Chad Economic Policy and Foreign Trade

By | May 14, 2021

Economic policy

The country’s economic policy has been severely affected by the ongoing political instability. Since 1998, Chad has been cooperating under pressure from the World Bank and with its help within the framework of economic reform programs aimed at privatization, liberalization and various sector programs. However, due to non-fulfillment by the Chadian side, these are repeatedly interrupted. The envisaged privatizations were also making slow progress, as in the case of Cotontchad.

For decades after independence, France controlled the exports of cotton from Chad and other Sahel countries through its company CFDT (Compagnie Française pour le Développement des Fibers Textiles). After independence, France was involved in the state-owned cotton company Cotontchad, took care of sales markets and promoted the construction of ginning and oil factories.
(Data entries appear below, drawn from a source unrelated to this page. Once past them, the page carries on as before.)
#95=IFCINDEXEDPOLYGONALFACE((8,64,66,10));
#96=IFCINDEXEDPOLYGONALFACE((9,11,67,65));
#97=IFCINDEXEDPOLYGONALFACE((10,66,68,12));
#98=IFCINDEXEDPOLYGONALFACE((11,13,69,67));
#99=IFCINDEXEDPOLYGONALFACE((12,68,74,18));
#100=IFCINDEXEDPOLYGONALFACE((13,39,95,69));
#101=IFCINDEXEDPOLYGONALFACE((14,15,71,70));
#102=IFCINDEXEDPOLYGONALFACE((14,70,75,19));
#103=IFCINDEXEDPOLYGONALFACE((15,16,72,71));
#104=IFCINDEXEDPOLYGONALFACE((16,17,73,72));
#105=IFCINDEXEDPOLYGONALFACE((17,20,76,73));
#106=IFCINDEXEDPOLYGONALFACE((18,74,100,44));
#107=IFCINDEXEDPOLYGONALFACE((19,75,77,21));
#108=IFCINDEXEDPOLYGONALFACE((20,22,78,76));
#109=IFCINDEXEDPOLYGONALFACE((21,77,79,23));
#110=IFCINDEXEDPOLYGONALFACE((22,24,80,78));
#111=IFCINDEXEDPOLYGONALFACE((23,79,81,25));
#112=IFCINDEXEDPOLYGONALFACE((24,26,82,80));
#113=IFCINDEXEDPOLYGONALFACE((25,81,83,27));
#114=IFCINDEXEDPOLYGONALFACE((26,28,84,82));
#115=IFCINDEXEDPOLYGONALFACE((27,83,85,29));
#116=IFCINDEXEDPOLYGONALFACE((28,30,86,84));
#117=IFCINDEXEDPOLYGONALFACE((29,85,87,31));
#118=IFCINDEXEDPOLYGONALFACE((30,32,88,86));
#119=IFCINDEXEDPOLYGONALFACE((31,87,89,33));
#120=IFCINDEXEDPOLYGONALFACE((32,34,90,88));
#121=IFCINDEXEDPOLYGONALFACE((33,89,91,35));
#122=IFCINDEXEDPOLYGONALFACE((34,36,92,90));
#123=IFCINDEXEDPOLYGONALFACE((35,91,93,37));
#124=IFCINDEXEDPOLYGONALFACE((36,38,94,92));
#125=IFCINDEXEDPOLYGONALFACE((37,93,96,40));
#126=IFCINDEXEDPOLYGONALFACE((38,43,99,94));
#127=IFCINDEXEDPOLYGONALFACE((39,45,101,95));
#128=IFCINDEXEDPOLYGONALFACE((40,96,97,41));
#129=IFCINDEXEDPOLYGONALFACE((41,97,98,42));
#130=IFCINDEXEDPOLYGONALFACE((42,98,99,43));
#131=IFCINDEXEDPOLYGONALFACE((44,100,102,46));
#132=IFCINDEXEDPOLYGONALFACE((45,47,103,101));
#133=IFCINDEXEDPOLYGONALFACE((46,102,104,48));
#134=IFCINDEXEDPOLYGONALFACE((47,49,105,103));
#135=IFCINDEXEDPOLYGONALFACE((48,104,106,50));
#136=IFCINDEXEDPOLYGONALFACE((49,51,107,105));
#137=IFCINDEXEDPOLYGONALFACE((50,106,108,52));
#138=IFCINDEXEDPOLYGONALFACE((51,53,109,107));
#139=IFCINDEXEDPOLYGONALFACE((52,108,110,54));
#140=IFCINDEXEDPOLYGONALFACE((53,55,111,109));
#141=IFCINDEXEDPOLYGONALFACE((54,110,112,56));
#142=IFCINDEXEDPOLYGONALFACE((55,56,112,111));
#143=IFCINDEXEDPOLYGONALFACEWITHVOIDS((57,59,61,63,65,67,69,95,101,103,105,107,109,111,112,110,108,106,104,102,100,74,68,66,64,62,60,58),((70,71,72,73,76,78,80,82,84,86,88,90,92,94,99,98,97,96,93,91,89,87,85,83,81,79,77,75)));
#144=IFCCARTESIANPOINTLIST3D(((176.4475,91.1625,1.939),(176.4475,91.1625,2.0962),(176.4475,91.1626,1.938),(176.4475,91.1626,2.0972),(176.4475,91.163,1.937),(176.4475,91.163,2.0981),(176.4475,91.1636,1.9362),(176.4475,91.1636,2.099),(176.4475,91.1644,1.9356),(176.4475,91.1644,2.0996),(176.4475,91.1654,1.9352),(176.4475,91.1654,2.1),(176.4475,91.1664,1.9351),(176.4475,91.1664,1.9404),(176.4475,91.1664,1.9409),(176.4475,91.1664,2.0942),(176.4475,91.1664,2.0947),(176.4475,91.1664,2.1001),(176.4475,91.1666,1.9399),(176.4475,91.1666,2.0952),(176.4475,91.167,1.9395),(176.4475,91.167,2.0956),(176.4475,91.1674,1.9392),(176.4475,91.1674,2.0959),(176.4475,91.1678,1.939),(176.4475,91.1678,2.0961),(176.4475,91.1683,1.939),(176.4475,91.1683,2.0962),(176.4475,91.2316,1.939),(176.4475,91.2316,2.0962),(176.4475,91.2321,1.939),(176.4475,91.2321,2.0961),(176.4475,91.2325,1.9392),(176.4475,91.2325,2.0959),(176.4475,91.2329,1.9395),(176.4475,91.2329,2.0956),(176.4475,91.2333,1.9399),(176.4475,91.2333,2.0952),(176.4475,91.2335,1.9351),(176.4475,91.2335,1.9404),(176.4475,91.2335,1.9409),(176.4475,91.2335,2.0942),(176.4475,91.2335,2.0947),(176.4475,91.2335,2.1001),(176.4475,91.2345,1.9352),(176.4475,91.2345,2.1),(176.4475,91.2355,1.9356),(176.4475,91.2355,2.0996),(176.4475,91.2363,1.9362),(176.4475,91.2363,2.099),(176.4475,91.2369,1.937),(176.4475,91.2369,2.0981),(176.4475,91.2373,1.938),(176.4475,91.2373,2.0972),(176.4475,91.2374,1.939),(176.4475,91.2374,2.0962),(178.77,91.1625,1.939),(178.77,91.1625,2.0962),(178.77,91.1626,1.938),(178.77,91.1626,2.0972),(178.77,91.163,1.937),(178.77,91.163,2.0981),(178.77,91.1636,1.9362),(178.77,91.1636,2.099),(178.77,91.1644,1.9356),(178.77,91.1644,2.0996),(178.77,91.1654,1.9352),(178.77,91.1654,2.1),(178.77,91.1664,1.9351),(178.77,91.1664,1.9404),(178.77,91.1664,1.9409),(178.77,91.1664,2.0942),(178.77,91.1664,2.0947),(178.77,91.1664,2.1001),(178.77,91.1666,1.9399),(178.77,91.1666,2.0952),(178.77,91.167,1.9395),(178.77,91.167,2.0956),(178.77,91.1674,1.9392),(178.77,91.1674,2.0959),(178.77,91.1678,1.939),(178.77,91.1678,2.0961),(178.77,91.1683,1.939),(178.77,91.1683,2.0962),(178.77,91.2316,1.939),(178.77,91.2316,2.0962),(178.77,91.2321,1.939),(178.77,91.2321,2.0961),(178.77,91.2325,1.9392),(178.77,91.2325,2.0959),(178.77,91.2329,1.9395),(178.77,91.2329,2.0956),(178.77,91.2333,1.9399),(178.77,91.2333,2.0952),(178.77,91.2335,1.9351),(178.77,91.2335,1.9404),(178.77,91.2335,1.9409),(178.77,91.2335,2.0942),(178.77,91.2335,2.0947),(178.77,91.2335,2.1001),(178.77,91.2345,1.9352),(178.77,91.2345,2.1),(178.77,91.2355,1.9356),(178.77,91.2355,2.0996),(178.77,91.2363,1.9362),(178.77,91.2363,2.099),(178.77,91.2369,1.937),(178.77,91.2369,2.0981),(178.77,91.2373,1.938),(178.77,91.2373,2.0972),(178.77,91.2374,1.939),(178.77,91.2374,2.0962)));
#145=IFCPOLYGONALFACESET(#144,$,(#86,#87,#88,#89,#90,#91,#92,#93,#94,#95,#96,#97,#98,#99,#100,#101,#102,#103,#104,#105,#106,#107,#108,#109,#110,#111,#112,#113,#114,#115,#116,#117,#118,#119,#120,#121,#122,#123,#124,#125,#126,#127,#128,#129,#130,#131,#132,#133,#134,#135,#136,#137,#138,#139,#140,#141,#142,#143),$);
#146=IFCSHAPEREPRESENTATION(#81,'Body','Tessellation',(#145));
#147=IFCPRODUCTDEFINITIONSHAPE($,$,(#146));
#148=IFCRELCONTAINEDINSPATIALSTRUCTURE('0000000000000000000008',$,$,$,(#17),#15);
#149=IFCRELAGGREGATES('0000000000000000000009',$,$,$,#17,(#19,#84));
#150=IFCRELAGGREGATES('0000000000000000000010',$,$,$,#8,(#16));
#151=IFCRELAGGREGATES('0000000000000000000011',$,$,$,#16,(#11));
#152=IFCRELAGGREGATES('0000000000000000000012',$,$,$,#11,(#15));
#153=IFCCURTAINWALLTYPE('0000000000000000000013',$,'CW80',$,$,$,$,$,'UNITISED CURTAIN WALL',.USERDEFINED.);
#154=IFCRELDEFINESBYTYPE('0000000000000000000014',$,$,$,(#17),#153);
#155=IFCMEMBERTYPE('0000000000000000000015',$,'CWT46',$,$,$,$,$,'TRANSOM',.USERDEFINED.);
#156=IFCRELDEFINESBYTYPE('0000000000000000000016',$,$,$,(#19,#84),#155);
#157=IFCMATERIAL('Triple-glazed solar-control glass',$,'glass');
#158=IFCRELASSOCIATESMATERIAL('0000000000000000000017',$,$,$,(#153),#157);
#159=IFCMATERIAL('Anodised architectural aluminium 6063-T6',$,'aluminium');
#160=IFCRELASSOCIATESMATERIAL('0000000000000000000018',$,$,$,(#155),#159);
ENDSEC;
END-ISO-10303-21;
After the sector reform program in 1999, a lengthy process of privatizing Cotontchad has now started, but has not yet been completed. The effects of the privatization reforms on the development of poverty and other social indicators are of great importance.

For investments in the public or private sector, Chad tends to rely on development aid and debt capital.
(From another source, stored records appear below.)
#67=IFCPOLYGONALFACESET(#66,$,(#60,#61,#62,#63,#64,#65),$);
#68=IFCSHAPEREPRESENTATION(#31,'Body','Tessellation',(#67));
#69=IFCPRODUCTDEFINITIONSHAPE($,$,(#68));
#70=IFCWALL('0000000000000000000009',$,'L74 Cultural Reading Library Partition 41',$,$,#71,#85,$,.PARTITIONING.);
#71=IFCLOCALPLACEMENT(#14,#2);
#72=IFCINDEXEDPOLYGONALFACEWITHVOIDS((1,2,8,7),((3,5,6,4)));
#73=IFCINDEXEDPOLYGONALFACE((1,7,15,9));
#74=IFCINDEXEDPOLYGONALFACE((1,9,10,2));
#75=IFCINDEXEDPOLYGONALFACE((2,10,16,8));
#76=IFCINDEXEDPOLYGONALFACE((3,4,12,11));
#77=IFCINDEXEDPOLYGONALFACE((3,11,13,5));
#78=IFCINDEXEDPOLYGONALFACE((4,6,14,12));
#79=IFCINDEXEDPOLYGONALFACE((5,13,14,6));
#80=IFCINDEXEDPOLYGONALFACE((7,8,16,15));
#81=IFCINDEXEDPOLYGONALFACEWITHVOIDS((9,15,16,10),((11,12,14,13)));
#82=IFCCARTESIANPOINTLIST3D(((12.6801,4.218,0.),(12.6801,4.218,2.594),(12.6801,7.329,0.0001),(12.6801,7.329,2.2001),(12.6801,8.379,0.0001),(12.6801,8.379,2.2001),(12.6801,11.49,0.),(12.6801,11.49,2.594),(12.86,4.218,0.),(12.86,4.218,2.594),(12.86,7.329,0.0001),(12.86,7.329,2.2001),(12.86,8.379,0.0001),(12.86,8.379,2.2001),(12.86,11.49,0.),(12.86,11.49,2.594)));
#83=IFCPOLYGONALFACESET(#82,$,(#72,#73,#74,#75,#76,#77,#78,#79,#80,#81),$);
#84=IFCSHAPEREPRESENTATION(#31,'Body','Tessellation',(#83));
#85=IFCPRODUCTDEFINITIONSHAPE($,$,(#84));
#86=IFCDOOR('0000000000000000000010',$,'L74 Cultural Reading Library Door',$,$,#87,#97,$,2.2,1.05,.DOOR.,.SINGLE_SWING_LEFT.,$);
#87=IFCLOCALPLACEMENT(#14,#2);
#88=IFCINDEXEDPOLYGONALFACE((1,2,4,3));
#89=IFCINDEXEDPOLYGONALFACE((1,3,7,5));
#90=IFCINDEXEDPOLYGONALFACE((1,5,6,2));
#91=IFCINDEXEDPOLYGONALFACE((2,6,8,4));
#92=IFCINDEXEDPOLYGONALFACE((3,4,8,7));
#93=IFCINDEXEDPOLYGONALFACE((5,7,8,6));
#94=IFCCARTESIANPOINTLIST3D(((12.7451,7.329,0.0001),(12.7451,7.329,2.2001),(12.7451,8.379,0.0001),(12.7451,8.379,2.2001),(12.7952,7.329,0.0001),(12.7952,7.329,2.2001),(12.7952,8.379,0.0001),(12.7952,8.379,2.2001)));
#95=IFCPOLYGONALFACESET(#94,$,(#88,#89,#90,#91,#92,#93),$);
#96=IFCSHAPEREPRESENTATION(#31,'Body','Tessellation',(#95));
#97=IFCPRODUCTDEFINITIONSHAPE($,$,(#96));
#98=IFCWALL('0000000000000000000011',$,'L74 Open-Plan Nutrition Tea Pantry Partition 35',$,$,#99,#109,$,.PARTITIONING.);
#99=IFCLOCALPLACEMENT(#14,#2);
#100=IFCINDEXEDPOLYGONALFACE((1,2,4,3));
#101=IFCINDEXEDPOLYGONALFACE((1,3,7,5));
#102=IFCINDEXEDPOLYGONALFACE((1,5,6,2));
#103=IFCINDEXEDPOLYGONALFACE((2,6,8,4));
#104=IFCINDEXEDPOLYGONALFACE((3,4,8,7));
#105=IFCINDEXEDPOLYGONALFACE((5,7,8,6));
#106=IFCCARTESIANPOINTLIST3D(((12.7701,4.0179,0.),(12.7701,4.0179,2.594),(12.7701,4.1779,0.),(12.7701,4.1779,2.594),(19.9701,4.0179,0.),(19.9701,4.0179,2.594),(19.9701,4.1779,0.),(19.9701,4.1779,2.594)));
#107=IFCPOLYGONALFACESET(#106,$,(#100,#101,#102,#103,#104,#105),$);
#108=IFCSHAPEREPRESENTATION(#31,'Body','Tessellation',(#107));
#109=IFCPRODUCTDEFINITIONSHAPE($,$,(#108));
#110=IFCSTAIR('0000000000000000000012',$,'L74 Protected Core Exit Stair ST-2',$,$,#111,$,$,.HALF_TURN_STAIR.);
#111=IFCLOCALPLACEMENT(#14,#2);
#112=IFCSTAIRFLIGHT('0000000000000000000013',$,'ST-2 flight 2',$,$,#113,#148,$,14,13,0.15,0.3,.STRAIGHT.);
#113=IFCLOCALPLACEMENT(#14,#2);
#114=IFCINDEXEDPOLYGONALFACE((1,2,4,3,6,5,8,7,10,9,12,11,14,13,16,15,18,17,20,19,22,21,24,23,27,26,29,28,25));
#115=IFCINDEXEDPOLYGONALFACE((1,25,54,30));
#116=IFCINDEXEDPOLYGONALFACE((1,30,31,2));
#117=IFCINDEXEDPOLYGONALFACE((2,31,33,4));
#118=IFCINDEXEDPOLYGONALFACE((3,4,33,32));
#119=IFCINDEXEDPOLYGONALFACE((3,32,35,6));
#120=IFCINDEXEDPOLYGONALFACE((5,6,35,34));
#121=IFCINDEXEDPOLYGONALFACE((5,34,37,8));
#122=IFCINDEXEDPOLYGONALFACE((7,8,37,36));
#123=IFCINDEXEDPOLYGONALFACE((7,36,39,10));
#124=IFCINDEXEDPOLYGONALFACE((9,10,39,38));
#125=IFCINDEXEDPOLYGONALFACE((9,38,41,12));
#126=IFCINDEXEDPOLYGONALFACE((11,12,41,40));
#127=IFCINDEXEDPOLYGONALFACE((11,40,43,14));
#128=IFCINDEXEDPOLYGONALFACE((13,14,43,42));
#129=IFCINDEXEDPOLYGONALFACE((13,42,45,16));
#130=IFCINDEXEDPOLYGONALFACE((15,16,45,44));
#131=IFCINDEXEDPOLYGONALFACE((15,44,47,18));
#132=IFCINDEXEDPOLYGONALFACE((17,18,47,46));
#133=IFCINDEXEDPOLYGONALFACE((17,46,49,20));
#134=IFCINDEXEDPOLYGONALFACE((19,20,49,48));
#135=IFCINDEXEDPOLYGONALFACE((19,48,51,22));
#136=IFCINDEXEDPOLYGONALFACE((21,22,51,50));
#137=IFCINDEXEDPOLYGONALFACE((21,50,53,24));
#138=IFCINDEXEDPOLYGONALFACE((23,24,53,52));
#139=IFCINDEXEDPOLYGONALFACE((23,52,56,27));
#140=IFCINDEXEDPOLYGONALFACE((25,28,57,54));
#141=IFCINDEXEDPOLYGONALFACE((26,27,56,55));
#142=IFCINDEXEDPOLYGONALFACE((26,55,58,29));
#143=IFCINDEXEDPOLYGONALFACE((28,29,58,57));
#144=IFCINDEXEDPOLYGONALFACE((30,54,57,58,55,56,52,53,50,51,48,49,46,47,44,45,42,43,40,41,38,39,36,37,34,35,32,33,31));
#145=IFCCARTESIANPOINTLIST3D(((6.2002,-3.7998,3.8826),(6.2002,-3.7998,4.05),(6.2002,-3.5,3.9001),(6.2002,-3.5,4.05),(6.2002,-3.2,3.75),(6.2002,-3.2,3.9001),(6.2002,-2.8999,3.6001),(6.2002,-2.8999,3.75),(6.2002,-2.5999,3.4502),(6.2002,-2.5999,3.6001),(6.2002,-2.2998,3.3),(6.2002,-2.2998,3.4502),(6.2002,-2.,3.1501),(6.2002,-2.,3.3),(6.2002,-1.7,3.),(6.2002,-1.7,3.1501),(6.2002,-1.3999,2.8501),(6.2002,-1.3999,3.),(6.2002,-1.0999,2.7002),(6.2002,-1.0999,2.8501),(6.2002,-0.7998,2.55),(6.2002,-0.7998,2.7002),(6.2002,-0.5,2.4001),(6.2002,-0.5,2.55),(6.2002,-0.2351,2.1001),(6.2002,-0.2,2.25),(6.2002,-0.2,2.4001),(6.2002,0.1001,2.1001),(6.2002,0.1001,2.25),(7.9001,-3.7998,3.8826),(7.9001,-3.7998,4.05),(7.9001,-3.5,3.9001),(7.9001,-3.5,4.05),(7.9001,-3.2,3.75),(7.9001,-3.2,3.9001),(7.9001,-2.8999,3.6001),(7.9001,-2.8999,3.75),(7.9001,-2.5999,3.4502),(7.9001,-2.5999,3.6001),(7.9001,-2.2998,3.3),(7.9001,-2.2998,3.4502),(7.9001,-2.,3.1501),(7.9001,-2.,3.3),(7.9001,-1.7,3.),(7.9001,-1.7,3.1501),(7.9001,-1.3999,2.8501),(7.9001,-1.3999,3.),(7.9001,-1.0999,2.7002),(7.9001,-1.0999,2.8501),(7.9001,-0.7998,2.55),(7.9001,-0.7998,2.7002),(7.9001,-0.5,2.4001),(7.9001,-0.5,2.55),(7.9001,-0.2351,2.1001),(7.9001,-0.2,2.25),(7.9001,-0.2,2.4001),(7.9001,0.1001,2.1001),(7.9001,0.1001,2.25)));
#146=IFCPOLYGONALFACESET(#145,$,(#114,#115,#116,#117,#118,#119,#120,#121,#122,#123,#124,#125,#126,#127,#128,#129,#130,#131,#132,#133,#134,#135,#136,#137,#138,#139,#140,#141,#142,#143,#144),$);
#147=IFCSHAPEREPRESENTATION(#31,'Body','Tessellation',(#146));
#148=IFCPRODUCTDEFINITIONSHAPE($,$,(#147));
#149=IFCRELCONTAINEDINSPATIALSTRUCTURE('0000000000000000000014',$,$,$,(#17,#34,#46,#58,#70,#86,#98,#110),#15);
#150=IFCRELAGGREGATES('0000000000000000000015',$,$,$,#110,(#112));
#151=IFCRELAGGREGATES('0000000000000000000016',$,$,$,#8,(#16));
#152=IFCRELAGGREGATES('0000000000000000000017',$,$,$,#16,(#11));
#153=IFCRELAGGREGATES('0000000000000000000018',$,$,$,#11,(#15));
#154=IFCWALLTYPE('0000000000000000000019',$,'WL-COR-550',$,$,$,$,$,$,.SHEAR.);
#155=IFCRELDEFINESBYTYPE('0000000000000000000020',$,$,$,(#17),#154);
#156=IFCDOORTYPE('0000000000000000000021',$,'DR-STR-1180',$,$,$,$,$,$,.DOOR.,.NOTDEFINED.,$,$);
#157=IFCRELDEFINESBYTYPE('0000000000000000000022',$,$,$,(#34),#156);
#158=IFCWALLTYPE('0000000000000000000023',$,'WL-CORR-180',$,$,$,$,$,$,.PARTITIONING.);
Since the year 2000, however, foreign direct investments (FDI’s) have been flowing into Chad on a large scale, which is mainly due to the exploitation of the oil fields in the south of the country. The petroleum project was carried out by a consortium of the oil companies Esso, Chevron, Petronas and the World Bank. The government under Idriss Déby has pledged to the World Bank to use 80 percent of oil export revenues for investments in education, the environment and health. Five percent of the income went directly to the doba pool. The supervisory body appointed by it published regular reports on this. At full capacity, 250,000 barrels of crude oil were to be extracted every day, increasing Chad’s state revenue by up to 50 percent annually. For the correct use of the funds, the World Bank had also set up an international advisory body, the International Advisory Group (IAG). In September 2009 it presented its final report.

However, the project had already provoked criticism from numerous national and international human rights and environmental organizations in the run-up to its implementation. The German working group Chad pointed to blatant security deficiencies, human rights violations and environmental destruction. Residents of the Doba basin also complain about the negative effects of oil production on their health, access to educational institutions and discrimination in the employment sector.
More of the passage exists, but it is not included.